Deposit

Vienna University of Technology

In 2017 the Austrian Film Museum acquired a vastly diverse deposit from the Vienna University of Technology, also known as TU Wien. Since 1976, when an archive was established at the TU Wien, a number of film collections arrived to the archive and ended up being stored there. In particular, the Institute of Art and Design, the Institute of Building Theory and Design, the Institute of Chemical Technologies and Analytics, the Institute of Internal Combustion Engines and Automotive Engineering, and the Institute of Fundamentals and Theory in Electrical Engineering commissioned films, purchased them, and handed them over to the archive when they were no longer needed for teaching and research.

Above all, the focus was on films that covered specific subject areas or issues of relevance to the teaching.

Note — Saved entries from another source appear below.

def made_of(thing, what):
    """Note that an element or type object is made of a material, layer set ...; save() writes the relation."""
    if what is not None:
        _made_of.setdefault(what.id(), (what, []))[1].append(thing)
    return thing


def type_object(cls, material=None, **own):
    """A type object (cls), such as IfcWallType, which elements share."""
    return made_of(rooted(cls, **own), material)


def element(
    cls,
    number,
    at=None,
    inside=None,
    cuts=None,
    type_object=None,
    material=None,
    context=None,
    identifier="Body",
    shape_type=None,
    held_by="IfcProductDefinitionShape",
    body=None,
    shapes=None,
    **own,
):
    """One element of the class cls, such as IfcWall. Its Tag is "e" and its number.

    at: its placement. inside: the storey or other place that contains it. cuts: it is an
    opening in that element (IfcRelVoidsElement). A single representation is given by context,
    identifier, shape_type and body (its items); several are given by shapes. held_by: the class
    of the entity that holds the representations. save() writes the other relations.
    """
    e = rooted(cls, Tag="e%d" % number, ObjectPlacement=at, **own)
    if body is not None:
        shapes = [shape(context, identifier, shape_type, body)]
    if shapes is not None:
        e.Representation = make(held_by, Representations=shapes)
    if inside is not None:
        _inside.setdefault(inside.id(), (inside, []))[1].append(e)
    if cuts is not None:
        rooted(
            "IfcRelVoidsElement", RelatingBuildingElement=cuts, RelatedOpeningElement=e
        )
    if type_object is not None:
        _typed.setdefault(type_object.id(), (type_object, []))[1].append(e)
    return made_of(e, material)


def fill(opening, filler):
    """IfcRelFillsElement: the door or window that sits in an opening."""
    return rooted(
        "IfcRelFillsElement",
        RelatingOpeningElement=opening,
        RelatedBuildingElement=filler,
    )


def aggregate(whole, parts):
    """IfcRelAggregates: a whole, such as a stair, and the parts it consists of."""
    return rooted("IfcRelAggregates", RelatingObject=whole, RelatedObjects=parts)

Examples include films produced by the Shell Film Unit, such as Mille Miglia. A Shell Film (1953), Le mans. A Shell Film (1952), The Dutch Tourist Trophy (1954), The Heroic Days of Motor Racing Part 1 from the Shell History of Motor Racing  (1972), Belgian Grand Prix. A Shell Film (1955) and 21st Monte Carlo Car Rally. A Shell Film (1951). These films show races from 1951 until 1955.

Combustion engines in motorboats were of equal interest, as two films financed by Mercury Outdoor Motors show: The River Beyond (1951) and Green Blazes (ca. 1954) both show stories centering on motorboat races.

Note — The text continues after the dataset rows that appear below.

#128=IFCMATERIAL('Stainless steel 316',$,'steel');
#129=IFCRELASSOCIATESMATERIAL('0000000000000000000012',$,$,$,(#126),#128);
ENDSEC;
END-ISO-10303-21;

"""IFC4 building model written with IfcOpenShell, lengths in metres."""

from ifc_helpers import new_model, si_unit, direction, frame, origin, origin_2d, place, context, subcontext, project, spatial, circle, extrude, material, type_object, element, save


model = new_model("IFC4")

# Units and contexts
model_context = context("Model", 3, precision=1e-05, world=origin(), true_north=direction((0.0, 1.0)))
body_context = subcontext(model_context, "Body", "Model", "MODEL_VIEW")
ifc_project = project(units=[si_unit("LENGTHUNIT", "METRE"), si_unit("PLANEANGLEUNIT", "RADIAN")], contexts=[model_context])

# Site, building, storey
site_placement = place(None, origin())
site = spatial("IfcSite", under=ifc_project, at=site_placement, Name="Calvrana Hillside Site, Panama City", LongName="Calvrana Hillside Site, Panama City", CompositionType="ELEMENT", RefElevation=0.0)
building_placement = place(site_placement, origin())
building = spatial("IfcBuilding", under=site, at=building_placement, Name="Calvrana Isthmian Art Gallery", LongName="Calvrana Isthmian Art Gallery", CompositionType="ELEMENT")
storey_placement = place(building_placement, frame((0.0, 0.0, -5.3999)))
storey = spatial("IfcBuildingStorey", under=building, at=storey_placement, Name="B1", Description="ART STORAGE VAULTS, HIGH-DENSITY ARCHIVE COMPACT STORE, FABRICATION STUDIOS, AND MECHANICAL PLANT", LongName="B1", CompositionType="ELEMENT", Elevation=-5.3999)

The interest in engines goes hand in hand with military power. For example, in the film Life-Line of a Nation from 1945 the railroad is praised as the most important and efficient form of transport for military purposes in the USA during the Second World War. Additionally, the collection includes educational films on shooting training from the 1940s and a film depicting important ferry ports in England, used for strategic military planning, both from the educational film distribution center in the Military District XVII in Nazi-era Vienna.

However, the collection also features classic educational films, such as two productions sponsored by the International Nickel Company which deal with the process of corrosion and the mines of the Nickel Company in Canada. Their German branch produced the film Austenitic Cast Iron Materials (1966). Further topics are loading coils, alternating current arc extinction, the construction of the water tank in Neusiedl am Steinfeld, and the production of floating screed.

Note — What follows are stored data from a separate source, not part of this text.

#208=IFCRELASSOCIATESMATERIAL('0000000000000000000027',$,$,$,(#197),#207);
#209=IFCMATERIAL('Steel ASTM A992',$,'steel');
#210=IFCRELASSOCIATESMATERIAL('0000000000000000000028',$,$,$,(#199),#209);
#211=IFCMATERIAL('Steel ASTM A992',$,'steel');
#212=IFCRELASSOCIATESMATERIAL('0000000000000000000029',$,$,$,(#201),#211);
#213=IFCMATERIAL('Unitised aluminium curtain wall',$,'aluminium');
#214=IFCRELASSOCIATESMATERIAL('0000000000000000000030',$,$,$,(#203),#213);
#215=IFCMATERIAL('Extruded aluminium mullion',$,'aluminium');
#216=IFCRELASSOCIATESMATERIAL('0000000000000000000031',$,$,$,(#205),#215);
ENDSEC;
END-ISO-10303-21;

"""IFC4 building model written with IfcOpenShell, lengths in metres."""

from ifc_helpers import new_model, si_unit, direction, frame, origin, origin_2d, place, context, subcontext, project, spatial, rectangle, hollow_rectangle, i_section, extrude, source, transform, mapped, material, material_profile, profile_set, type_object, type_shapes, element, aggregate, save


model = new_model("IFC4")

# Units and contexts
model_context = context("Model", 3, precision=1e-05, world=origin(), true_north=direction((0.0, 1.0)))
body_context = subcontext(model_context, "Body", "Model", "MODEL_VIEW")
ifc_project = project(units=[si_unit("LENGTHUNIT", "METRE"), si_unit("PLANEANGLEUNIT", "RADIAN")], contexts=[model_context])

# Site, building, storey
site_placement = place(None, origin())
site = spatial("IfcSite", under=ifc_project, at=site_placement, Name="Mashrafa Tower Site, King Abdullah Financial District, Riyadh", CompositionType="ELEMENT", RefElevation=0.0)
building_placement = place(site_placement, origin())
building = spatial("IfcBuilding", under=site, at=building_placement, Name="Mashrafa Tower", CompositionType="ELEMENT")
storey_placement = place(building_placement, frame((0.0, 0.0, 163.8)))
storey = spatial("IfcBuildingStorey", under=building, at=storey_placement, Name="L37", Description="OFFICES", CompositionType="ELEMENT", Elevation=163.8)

One of the more elaborate in-house projects was produced in collaboration with the MA 18 (Municipal Department for Urban Development and Planning) in Vienna and the Austrian Center for Architectural Research under the direction of Karl Schwanzer: Arbeitsfilm zum städtebaulichen und baukünstlerischen Gutachten (1970). The film compares social housing in Vienna, with examples like the so-called development axis Meidling-Siebenhirten, Alt-Erlaa, Wiener Flur, am Schöpfwerk Süd, and Lindenhof with social housing projects in London and Berlin. Several unfinished film projects held in the collection were produced under the direction of Karl Schwanzer, such as the recordings of his building project "BMW Vierzylinder" in Munich, of the WiFi in St. Pölten, the Schwanzer House in Vienna, and the Siemens building in Vienna.

In Roland Goeschl's time as head of the Institute of Art and Design, a film was produced during a field trip of one of his classes to Venice in 1984 in order to study color on buildings. In another educational film from 1987, architectural representation in watercolor is explained using buildings such as the Palmenhaus, Otto Wagner's House, Schönbrunn Palace or the Augustinian Church in Vienna. Both films were directed by Wilhelm Gaube.